COVEP needs to be called by running the main.py python file with inputting the specified parameters. Users can modify the parameters of the bash.cov script to run, or run directly on the terminal command line.

Running command

python main.py -t1 netmhcpan,mhcflurry -t2 all -s path/to/your/input/seqfile -hlafile path/to/your/hlafile -o directory/to/store/predicted/results

Parameters

-t1         Tools used for MHC class I T cell epitopes prediction, choose from [netmhcpan,mhcflurry,deephlapan], eg. netmhcpan,mhcflurry.

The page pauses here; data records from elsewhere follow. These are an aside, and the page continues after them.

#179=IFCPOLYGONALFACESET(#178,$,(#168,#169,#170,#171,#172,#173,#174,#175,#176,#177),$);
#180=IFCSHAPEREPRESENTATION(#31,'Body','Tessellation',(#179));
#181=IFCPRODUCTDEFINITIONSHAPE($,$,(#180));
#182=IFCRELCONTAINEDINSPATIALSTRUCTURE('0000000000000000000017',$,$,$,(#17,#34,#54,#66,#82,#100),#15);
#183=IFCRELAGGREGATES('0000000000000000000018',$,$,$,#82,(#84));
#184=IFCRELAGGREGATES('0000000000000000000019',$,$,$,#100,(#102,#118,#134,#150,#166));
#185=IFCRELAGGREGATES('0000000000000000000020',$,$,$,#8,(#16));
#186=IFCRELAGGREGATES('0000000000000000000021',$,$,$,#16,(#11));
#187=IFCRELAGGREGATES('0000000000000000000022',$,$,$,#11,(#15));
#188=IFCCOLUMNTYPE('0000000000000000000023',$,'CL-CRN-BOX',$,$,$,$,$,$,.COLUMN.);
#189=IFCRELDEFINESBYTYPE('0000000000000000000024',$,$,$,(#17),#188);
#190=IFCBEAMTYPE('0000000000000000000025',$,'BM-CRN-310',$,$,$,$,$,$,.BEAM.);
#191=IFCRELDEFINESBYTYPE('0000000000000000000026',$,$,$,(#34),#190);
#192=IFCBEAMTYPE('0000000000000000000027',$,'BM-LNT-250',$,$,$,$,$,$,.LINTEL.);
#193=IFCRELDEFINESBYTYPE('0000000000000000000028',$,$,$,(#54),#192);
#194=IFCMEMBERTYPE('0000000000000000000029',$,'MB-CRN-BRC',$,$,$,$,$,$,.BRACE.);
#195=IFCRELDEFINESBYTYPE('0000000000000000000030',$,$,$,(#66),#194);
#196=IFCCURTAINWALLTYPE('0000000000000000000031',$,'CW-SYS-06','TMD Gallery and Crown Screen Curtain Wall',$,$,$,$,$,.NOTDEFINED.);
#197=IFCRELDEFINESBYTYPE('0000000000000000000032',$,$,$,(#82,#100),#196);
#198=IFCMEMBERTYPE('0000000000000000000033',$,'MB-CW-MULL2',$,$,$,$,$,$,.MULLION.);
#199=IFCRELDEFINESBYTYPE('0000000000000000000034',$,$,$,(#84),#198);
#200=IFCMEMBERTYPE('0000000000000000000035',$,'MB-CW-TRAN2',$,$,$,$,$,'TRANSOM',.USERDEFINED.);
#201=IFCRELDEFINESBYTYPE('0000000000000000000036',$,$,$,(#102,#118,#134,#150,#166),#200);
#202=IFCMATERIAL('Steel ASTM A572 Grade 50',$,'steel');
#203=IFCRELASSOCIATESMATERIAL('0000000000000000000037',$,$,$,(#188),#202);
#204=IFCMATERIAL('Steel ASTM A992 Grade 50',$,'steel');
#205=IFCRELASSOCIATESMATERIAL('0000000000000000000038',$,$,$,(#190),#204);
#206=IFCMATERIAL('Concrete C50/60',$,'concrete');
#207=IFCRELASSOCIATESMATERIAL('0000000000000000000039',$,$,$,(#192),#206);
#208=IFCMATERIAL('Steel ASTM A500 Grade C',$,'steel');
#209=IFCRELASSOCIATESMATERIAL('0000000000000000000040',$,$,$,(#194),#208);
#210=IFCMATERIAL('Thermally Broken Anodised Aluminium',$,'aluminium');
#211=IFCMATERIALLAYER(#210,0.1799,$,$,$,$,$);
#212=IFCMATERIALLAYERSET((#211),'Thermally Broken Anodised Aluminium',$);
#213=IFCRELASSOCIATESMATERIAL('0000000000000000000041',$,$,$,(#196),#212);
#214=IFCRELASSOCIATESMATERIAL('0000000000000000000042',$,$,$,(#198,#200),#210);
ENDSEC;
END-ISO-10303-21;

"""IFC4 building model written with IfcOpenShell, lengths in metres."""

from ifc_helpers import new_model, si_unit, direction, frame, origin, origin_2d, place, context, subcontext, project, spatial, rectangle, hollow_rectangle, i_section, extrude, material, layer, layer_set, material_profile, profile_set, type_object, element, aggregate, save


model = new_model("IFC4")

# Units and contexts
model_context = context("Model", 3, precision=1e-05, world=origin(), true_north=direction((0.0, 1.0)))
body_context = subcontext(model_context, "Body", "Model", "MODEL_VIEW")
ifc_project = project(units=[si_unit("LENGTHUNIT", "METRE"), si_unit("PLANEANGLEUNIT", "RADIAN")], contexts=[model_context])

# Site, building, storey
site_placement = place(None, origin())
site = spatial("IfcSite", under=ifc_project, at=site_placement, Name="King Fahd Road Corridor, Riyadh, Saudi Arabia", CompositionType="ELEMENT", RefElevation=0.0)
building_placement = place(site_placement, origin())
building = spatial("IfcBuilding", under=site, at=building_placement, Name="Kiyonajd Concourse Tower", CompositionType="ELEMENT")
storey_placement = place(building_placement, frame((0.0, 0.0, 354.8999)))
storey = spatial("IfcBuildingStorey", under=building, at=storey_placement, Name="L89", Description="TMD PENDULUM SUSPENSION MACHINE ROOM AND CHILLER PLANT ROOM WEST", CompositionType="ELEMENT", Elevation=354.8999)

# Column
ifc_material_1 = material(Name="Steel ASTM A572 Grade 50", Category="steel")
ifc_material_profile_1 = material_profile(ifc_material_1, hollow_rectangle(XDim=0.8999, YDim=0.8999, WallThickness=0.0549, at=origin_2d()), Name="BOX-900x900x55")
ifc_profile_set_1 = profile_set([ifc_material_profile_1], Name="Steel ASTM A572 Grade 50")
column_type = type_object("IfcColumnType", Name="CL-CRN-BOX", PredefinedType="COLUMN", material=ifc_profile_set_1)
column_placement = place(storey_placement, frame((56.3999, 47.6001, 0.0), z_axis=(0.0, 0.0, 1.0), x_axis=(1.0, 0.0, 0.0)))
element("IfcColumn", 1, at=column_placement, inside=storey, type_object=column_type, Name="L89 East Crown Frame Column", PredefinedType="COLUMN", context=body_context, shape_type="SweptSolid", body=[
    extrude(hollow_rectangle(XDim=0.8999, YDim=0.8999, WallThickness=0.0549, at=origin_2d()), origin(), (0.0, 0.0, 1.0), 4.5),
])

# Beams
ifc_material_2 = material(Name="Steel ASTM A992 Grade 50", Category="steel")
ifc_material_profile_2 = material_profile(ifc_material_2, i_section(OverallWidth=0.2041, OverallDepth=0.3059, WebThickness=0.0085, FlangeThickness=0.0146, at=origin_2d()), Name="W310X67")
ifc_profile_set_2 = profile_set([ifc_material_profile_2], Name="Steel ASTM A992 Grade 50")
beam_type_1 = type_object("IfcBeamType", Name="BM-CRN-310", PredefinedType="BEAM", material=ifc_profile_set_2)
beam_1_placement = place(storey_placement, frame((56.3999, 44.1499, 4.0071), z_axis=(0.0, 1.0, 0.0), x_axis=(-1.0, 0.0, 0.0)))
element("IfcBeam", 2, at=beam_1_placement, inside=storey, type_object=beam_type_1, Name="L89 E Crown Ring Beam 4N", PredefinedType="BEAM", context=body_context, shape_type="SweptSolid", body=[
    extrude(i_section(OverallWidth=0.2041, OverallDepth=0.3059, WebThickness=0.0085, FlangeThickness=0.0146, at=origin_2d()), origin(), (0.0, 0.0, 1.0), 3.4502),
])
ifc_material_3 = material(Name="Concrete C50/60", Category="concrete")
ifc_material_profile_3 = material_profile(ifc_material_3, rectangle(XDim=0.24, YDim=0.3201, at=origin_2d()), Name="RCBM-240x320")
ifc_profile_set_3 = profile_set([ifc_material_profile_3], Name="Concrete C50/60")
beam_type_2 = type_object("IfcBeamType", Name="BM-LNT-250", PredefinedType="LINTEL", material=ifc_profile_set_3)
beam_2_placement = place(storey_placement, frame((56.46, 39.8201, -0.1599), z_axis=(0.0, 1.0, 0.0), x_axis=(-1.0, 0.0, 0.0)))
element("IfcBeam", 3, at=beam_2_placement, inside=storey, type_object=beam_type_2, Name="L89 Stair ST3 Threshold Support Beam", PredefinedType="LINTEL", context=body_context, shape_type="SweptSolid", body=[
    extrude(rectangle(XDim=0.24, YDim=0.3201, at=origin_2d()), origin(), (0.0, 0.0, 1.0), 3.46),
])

Use `all` to select all available tools.
-t2         Tools used for MHC class II T cell epitopes prediction, choose from [netmhc2pan,mixmhc2pred], eg. netmhc2pan. Use `all` to select all available tools.
-seqfile    txt file contains one or more fasta sequences, see test/data/2019-ncov-test.txt for example.
-hla        str, this is necessary if t1 or t2 is selected, such as `HLA-A11:01,HLA-A24:02,` for t1 or `DRB1_01_01,DRB1_01_02` for t2'.
-hlafile    csv file, `-hlastr` will be covered if this option is specified. This is necessary if t1 and t2 both are selected, see test/data/hla_allele.csv for example.
-o          Directory to store predicted results. User must have write privilege. If omitted, the current directory will be applied.

Supported prediction tools

| Epitope | Length | Tools |
| :----- | :----- | :----- |
| Linear B | pisition score | Chou-Fasman, Emini, Karplus-Schulz, <br />Kolaskar-Tongaonkar, Parker, Bepipred |
| MHC class I  | 8-11mer | DeepHLApan, NetMHCpan-4.1, MHCflurry2.0 |
| MHC class II | 12-21mer | NetMHCIIpan-4.0, MixMHC2pred-2.0 |

Supported prediction tools are shown as in the table. Please note that linear B cell epitopes prediction is depend on the network, and NetMHCpan and NetMHCIIpan maybe slow.

Alleles and thresholds

Supported allele and threshold of prediction tools seen in the file HLA&Tools_Threshold.xlsx. The format of allele names to use in the input of COVEP executable can be seen in the table.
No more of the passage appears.